CS 381 Solutions to Homework 10

pp. 382 - 383

4 a) Not reflexive, not symmetric, antisymmetric, and transitive.
b) Reflexive, symmetric, not antisymmetric, and transitive.
c) Reflexive, symmetric, not antisymmetric, and transitive.
d) Reflexive, symmetric, not antisymmetric, and not transitive.

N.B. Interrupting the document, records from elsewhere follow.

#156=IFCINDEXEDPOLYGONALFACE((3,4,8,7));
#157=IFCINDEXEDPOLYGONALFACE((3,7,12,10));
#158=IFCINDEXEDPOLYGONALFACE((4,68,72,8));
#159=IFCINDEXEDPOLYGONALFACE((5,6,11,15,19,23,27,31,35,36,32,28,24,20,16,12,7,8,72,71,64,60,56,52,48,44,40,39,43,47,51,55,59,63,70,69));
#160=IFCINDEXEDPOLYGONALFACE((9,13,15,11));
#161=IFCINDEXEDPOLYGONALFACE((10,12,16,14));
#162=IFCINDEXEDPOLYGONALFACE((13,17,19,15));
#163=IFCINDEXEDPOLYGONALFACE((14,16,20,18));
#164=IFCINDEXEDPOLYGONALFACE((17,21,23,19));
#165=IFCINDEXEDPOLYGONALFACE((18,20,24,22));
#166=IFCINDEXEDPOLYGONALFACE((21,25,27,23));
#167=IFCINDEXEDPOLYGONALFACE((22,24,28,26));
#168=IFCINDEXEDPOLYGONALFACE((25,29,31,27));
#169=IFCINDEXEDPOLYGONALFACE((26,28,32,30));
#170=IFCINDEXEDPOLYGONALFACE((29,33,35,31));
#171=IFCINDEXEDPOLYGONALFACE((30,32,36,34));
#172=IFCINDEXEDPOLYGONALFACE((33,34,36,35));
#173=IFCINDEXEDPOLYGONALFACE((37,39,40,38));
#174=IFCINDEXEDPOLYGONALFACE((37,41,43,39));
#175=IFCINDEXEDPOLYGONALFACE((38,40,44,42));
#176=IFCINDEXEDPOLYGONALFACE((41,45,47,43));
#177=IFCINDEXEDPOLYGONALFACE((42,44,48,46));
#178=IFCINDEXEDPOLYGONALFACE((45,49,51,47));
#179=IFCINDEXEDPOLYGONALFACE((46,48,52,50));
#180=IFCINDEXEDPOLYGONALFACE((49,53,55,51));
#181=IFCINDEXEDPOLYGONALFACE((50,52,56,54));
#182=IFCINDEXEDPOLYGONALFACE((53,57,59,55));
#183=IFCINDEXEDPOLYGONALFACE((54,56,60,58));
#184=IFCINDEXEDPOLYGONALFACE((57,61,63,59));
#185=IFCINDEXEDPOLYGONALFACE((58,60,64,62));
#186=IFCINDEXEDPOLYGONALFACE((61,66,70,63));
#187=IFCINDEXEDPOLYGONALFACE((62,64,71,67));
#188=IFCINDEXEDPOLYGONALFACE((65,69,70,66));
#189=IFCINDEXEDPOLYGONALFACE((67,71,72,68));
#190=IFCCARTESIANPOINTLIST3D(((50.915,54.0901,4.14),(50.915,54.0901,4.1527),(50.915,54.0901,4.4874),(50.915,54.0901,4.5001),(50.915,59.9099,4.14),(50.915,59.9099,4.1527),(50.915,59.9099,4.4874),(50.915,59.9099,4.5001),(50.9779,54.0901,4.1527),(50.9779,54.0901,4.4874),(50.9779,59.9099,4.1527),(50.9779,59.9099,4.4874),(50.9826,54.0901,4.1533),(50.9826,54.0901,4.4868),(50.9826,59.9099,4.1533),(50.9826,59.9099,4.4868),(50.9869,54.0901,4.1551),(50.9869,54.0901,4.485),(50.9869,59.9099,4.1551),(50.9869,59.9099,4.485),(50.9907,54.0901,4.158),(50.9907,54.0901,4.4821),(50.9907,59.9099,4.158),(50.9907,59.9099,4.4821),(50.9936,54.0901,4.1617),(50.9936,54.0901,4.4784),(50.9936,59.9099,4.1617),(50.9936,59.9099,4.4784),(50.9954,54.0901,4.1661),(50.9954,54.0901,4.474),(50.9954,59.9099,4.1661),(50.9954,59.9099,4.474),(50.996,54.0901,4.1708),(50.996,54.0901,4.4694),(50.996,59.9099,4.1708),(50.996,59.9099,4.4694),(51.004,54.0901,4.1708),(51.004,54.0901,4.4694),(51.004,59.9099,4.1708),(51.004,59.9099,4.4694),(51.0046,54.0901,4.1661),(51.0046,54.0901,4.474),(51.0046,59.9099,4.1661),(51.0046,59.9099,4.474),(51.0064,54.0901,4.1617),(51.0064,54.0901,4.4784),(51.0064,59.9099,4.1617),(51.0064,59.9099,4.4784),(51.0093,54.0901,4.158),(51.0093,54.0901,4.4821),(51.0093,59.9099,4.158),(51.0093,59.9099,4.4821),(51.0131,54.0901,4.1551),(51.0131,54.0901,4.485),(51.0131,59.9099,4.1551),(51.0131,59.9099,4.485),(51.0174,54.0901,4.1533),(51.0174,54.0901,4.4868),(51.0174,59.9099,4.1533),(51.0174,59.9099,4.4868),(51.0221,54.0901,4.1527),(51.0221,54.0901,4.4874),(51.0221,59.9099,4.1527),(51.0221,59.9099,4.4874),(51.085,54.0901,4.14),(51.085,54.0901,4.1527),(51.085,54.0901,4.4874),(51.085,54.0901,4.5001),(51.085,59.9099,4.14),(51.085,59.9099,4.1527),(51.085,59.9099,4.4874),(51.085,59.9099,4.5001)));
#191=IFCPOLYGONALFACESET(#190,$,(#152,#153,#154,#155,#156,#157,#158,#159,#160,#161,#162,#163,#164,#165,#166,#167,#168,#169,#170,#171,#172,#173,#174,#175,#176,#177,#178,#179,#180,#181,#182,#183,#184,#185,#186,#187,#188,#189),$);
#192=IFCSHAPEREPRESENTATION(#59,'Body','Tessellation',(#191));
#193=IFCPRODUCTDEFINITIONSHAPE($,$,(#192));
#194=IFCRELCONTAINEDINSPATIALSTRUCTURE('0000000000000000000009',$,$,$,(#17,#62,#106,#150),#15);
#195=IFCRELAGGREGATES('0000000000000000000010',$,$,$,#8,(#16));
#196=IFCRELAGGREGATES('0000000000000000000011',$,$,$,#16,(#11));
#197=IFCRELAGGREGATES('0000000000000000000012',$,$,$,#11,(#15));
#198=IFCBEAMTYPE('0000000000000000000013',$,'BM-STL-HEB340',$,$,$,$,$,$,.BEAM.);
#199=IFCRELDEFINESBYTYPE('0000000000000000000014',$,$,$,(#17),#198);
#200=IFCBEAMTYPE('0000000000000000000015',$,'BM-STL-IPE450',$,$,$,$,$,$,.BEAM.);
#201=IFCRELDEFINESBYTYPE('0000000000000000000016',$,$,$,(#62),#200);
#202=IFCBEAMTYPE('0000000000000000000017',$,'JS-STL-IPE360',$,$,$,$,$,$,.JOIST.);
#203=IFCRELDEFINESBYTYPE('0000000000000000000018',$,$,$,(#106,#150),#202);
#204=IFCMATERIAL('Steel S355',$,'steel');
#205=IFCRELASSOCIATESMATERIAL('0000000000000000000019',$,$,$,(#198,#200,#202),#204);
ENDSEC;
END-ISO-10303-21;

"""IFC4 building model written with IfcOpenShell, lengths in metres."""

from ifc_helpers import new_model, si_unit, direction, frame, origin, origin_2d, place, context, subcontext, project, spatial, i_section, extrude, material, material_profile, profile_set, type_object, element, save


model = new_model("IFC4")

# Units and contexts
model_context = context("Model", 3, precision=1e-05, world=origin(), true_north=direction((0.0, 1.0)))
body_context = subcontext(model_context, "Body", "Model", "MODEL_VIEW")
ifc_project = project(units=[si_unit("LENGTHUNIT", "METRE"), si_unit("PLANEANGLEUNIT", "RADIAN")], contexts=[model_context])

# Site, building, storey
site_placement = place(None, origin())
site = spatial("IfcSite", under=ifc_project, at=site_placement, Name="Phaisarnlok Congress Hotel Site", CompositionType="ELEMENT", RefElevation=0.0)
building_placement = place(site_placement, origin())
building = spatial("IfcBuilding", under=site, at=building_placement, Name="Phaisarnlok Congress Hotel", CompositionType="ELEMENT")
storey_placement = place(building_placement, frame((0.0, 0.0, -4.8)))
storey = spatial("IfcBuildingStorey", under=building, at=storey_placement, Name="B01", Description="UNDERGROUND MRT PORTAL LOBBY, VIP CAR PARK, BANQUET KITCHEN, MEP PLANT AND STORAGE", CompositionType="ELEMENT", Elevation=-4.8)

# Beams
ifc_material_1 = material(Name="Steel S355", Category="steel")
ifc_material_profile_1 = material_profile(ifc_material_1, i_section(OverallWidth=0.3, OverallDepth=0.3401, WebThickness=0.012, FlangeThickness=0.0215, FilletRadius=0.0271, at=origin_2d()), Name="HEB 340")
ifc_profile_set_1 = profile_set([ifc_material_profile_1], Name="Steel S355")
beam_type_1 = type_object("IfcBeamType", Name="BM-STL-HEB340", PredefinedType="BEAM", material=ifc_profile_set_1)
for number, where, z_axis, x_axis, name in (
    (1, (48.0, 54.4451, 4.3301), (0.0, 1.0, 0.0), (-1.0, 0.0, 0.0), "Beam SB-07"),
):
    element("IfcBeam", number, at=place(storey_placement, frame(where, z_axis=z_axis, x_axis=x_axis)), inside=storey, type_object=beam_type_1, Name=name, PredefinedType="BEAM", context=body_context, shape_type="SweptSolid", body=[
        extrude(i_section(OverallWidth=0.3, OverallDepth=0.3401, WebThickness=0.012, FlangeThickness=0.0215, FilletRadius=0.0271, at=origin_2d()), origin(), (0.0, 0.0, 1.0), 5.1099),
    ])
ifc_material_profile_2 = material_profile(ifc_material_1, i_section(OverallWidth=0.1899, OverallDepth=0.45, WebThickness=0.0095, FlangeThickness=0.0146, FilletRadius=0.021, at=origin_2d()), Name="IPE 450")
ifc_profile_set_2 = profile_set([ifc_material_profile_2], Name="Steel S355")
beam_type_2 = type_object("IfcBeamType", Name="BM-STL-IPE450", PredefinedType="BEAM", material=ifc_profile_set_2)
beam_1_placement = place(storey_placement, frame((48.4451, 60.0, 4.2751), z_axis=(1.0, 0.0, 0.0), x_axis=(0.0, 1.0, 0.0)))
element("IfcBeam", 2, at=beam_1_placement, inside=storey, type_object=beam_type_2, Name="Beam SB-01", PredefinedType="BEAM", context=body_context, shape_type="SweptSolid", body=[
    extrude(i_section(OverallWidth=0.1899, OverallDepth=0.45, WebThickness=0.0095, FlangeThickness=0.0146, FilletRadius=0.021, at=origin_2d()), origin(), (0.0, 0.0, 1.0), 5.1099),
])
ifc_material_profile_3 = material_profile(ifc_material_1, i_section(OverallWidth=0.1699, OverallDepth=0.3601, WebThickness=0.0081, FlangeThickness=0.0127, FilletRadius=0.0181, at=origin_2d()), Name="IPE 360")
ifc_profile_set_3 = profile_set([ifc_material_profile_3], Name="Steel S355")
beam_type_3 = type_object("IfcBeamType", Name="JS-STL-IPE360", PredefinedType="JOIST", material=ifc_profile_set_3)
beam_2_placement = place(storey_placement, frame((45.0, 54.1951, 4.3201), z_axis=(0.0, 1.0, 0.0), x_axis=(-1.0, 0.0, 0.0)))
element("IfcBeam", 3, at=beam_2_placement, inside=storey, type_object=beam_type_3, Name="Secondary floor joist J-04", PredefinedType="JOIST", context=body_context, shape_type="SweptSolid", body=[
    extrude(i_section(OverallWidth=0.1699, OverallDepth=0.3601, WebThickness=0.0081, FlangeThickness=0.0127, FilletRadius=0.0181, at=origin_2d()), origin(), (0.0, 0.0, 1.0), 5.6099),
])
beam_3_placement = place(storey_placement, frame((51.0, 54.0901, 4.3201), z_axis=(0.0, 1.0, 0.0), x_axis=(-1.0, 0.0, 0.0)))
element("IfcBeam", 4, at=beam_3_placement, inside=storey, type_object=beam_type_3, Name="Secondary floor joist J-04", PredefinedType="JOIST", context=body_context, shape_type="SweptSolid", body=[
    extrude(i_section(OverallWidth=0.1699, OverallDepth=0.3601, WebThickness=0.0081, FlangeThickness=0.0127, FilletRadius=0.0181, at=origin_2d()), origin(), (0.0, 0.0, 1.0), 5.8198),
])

18 a) $R_{2}$, b) $R_{1}$, c) $\emptyset$,
d) $\{(1,1), (2,1), (2,2), (3,1), (3,2), (3,3)\}$

28 a) Since $R$ and $S$ are reflexive, for an arbitrary $x \in A$, $(x,x) \in R$ (and $(x,x) \in S$).
Hence $(x,x) \in R \cup S$. Hence $R \cup S$ is reflexive.
b) Since $R$ and $S$ are reflexive, for an arbitrary $x \in A$, $(x,x) \in R$ and $(x,x) \in S$.
Hence for an arbitrary $x \in A$, $(x,x) \in R \cap S$. Hence $R \cap S$ is reflexive.

pp. 396

12. Omitted

17.

#	Reflexive	Irreflexive	Symmetric	Antisymmetric	Transitive
13	No	Yes	No	No	No
14	Yes	No	No	No	No
15	No	No	Yes	No	No

pp. 406 - 407

2. R is symmetric. Hence it is its own symmetric closure.

5. Add a loop at each vertex to the graph.

9. Symmetric closure of 5: $\{(a,b), (b,a), (a,c), (c,a), (b,d), (d,b), (c,d), (d,c)\}$

20 b) $(a, b)$ in $R^{3}$ means that there is a two-stop (three leg) airline flight from city $a$ to city $b$.

24. Not necessarily. For example let $R = \{ < a, b >, < b, a > \}$ on the set $\{a, b\}$. Then $R^{2} = \{ < a, a >, < b, b > \}$, which is not irreflexive.